Like Worldmark, I understand that the old Fairfield Trust (now renamed to a Wyndham Name) has actual control of the properties assigned to it.  Deeded owners with properties that were assigned to the trust are voting members.  Not sure how the Access Trust works.


----------



## timeos2

sue1947 said:


> One other difference:  Wyndham is the developer and manager for Worldmark but does not own it.  They have packed the Board with their people so they make every effort to confuse the issue, but Worldmark is owned by its owners, not Wyndham.



Wyndham doesn't OWN the Wyndham resorts either - they are the management for the owners just like they are for Worldmark. And yes, they have packed the Wyndham resort Boards with their people as well so in effect have full control over both systems.  It isn't as it should be but that is the way it has turned out.  

Actually most resorts (with DVC being one very obvious difference as are some or all Mexican and other foreign resorts) are not OWNED by the Developer/Management no matter what brand or name may be on it.

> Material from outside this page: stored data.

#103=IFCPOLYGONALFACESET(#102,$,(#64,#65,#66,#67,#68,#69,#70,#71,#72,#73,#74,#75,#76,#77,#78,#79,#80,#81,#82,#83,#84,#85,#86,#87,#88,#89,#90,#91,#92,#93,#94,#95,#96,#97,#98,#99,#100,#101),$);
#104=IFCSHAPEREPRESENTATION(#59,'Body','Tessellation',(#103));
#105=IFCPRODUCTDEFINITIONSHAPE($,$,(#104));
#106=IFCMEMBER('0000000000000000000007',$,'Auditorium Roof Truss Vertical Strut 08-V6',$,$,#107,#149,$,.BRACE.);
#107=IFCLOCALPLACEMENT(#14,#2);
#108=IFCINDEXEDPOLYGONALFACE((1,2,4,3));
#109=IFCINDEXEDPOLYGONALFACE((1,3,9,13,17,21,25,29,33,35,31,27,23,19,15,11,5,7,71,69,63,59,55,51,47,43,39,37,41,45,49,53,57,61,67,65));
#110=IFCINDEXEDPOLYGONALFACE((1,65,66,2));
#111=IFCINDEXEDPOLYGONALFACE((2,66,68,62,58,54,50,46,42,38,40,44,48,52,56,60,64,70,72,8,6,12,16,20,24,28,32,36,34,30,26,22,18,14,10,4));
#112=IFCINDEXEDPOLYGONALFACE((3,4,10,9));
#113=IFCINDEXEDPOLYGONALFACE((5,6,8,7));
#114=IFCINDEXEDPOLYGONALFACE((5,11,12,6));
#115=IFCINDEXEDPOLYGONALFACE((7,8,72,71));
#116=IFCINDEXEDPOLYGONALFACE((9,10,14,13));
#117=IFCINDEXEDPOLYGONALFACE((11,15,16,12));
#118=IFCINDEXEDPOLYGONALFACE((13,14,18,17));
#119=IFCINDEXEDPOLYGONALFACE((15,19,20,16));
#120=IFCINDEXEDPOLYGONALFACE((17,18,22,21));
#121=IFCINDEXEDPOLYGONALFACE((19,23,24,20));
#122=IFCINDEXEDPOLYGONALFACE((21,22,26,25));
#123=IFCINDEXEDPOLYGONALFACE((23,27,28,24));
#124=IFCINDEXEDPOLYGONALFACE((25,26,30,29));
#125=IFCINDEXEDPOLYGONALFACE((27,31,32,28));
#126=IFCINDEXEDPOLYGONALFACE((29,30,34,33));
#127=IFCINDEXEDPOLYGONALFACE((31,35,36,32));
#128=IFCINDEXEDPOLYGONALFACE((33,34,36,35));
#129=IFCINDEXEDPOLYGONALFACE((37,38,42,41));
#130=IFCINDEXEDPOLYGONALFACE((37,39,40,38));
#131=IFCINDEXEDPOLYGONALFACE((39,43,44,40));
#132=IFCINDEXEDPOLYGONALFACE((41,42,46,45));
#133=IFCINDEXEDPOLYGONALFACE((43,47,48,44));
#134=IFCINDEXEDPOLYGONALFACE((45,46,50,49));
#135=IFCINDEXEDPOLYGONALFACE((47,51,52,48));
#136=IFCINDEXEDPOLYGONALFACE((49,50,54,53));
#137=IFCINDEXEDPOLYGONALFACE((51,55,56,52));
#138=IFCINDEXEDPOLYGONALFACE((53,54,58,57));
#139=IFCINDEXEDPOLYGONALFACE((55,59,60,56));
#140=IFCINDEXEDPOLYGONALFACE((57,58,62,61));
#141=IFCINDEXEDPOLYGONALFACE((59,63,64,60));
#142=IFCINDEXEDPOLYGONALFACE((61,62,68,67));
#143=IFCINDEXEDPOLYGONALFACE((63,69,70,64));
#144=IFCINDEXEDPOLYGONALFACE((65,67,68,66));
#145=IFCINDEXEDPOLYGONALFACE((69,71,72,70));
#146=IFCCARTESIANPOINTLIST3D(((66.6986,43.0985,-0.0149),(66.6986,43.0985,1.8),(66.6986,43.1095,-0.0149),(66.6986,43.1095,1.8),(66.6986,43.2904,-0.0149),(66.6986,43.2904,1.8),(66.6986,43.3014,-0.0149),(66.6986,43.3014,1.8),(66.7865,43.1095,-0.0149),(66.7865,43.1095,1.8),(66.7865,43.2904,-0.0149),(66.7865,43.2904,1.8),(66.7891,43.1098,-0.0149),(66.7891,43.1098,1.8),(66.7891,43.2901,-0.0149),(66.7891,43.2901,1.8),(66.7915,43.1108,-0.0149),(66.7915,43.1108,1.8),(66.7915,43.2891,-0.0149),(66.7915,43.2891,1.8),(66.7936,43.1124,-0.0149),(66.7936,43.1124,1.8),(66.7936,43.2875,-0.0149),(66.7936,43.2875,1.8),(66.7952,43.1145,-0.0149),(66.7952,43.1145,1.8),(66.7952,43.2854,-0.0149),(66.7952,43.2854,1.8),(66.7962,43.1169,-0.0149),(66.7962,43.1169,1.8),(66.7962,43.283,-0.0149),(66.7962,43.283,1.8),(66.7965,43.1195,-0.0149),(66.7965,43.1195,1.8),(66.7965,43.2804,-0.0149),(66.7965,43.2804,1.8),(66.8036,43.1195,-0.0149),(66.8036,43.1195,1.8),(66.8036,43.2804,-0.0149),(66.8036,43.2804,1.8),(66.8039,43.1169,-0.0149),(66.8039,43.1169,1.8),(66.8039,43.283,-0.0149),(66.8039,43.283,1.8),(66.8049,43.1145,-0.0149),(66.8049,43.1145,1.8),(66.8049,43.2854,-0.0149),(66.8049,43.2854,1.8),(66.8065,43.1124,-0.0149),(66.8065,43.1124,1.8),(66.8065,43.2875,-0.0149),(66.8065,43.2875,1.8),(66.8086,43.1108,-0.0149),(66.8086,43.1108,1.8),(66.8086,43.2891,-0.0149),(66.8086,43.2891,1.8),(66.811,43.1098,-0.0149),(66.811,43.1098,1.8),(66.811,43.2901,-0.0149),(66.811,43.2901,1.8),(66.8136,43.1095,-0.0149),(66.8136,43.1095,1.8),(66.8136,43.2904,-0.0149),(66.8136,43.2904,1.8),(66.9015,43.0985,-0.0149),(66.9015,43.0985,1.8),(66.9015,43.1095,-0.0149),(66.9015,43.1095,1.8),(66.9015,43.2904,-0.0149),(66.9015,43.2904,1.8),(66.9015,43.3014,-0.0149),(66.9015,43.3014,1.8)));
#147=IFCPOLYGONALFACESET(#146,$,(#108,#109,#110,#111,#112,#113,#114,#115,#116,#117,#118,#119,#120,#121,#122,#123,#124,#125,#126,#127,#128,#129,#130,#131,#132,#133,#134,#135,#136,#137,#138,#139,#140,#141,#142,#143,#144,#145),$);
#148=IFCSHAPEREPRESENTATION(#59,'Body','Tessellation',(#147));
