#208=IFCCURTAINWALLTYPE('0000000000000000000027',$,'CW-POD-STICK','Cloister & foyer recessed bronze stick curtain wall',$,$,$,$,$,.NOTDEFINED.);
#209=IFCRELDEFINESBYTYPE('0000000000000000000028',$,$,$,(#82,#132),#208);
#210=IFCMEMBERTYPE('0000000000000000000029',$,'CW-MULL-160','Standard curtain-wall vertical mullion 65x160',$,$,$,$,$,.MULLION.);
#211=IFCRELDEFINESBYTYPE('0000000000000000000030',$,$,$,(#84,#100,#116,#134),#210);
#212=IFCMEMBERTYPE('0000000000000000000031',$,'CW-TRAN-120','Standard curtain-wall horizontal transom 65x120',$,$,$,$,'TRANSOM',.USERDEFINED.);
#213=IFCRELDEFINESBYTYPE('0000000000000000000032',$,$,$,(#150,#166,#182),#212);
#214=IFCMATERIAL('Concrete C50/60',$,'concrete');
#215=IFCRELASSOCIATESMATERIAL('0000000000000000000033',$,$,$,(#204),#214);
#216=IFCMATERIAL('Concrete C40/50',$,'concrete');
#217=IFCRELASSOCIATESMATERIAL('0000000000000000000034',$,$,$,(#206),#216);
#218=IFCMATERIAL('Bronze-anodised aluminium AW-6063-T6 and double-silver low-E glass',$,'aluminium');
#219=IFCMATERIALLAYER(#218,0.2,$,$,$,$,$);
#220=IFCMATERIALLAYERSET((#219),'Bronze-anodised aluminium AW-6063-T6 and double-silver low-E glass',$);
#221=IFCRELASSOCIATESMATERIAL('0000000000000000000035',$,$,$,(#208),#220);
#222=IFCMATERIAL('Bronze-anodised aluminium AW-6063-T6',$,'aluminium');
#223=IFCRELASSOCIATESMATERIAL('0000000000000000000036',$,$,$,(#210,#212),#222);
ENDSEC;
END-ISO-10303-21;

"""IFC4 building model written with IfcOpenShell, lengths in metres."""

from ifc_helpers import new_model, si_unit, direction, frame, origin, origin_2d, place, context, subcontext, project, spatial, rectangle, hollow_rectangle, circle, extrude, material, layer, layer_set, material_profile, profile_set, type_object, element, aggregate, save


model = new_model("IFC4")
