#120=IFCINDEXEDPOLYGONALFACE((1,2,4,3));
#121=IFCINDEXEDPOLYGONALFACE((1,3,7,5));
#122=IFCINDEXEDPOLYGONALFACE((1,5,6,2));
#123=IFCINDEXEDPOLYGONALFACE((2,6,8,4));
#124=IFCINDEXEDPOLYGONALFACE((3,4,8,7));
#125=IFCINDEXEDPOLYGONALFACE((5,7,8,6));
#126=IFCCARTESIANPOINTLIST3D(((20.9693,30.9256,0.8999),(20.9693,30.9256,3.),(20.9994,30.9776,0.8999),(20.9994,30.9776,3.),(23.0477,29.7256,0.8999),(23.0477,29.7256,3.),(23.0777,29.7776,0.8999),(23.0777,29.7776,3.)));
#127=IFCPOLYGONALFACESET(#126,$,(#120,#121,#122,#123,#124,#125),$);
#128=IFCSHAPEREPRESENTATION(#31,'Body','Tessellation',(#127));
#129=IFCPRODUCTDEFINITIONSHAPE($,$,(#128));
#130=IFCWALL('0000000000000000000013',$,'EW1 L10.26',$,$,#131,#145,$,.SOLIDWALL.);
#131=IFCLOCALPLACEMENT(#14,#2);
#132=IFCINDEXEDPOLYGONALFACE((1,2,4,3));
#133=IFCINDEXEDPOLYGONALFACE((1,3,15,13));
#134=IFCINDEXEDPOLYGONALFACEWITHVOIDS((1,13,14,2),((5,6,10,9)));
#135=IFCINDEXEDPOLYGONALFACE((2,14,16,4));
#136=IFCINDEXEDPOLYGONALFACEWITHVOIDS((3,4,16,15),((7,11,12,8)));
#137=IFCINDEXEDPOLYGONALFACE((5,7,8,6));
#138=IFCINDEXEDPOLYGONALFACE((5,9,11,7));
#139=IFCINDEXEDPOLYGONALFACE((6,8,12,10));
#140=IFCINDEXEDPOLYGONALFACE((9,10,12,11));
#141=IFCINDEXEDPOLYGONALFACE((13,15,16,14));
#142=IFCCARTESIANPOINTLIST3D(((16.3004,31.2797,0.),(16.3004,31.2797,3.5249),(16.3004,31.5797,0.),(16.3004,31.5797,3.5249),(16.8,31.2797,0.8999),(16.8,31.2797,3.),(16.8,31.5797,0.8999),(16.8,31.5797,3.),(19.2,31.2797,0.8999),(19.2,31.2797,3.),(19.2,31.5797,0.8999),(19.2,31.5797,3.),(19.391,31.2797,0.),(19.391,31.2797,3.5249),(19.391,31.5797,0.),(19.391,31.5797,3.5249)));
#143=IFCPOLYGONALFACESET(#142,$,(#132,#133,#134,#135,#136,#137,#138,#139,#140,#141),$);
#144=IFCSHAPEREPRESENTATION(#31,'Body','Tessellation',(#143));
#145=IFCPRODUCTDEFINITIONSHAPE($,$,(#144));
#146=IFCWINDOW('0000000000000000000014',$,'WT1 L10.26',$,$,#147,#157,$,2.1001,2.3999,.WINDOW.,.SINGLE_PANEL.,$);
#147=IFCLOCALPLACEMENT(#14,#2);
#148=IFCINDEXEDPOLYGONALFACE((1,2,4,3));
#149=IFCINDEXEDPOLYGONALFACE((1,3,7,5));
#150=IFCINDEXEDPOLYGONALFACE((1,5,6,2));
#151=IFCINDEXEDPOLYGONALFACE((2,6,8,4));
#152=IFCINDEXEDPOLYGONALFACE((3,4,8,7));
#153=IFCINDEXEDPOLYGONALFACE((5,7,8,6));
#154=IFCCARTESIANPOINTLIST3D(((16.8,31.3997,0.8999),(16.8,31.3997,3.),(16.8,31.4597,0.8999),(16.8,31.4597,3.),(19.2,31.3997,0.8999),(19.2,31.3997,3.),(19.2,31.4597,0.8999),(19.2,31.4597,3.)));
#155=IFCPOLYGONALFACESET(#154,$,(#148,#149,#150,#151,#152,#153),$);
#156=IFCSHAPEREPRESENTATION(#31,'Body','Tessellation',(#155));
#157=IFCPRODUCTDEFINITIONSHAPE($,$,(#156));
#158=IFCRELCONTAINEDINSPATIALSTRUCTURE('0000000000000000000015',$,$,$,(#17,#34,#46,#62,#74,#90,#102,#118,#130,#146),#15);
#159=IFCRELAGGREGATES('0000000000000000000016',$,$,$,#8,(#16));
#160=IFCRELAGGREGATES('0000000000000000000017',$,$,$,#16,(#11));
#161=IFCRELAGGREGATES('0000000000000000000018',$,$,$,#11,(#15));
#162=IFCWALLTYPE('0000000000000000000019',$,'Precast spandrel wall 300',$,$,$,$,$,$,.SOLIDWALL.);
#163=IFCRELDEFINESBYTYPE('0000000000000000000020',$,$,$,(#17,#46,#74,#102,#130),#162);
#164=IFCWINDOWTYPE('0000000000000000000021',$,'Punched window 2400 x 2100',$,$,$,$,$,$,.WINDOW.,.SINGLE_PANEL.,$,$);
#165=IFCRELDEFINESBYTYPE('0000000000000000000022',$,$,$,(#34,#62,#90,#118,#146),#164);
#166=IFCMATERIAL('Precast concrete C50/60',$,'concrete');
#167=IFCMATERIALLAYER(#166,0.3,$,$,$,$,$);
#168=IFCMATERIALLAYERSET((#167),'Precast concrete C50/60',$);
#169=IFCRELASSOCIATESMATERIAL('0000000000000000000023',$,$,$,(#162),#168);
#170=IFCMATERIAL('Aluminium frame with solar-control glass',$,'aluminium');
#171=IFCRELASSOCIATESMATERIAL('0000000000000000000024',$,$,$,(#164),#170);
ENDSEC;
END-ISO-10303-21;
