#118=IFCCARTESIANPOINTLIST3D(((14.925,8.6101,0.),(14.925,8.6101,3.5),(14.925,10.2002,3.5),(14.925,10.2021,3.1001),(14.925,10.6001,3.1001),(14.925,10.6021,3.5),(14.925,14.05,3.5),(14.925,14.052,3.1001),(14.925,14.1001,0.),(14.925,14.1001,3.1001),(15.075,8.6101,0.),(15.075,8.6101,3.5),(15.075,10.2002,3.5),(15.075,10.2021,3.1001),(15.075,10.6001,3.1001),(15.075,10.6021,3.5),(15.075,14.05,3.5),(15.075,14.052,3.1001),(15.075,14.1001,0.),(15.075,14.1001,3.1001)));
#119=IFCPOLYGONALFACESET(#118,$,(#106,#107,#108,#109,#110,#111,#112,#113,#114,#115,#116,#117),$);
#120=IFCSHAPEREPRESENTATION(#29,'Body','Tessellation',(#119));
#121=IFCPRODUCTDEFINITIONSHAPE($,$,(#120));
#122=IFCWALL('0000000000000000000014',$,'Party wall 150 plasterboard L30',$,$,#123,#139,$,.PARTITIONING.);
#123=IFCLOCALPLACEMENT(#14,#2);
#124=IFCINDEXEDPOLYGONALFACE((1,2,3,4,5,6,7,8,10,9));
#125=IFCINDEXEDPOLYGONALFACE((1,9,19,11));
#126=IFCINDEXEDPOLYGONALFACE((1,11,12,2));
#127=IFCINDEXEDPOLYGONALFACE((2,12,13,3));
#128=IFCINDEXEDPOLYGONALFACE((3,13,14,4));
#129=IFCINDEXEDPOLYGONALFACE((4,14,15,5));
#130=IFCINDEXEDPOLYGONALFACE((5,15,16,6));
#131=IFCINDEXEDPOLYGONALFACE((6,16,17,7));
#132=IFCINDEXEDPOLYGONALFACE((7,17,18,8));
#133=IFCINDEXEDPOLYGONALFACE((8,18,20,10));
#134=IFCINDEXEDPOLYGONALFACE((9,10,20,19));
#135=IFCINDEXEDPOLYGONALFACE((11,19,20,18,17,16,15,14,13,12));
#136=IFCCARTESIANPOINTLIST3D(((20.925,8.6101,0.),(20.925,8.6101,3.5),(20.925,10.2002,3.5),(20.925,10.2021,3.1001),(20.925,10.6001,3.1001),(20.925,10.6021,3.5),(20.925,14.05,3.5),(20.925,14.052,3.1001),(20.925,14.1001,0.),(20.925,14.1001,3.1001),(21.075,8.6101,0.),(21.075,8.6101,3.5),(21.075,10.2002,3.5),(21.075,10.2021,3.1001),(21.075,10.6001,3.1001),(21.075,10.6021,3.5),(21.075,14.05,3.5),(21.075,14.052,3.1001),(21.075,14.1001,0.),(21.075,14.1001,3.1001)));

They are in fact owned by the individuals that have purchased the 1/52nd slices or points that are used to split up ownership.  It is a very common misconception that a group "X" (usually a developer) "owns" resort or system "Y" but in fact that is a rare case.  Usually the individual buyers are the legal owners although entrenched developer management will do everything possible to hide that fact.


----------



## suenmike32

Just returned from my presentation and am as confused now...as ever.
Our rep was new...and a very personable guy....but I knew more about timeshareing than he did. 
I'm not going to get into it...but there is more contradictary information floating around regarding Wyndham & Worldmark than I care to dissect (on this board and in his office).
This is a nice place, the rep took us to the 4 BR unit and we almost flipped when we saw the space and amenities....none the less, we'll enjoy our stay here and move over to our simple Marriott weeks plan, and enjoy our two months in Florida every year. 
There is way too much "blending" of information within the Wyndham/Worldmark system. I'm happy to stay where I am.
Thanks to all those that tried to help.
Mike


----------



## rrlongwell

suenmike32 said:


> Just returned from my presentation and am as confused now...as ever ...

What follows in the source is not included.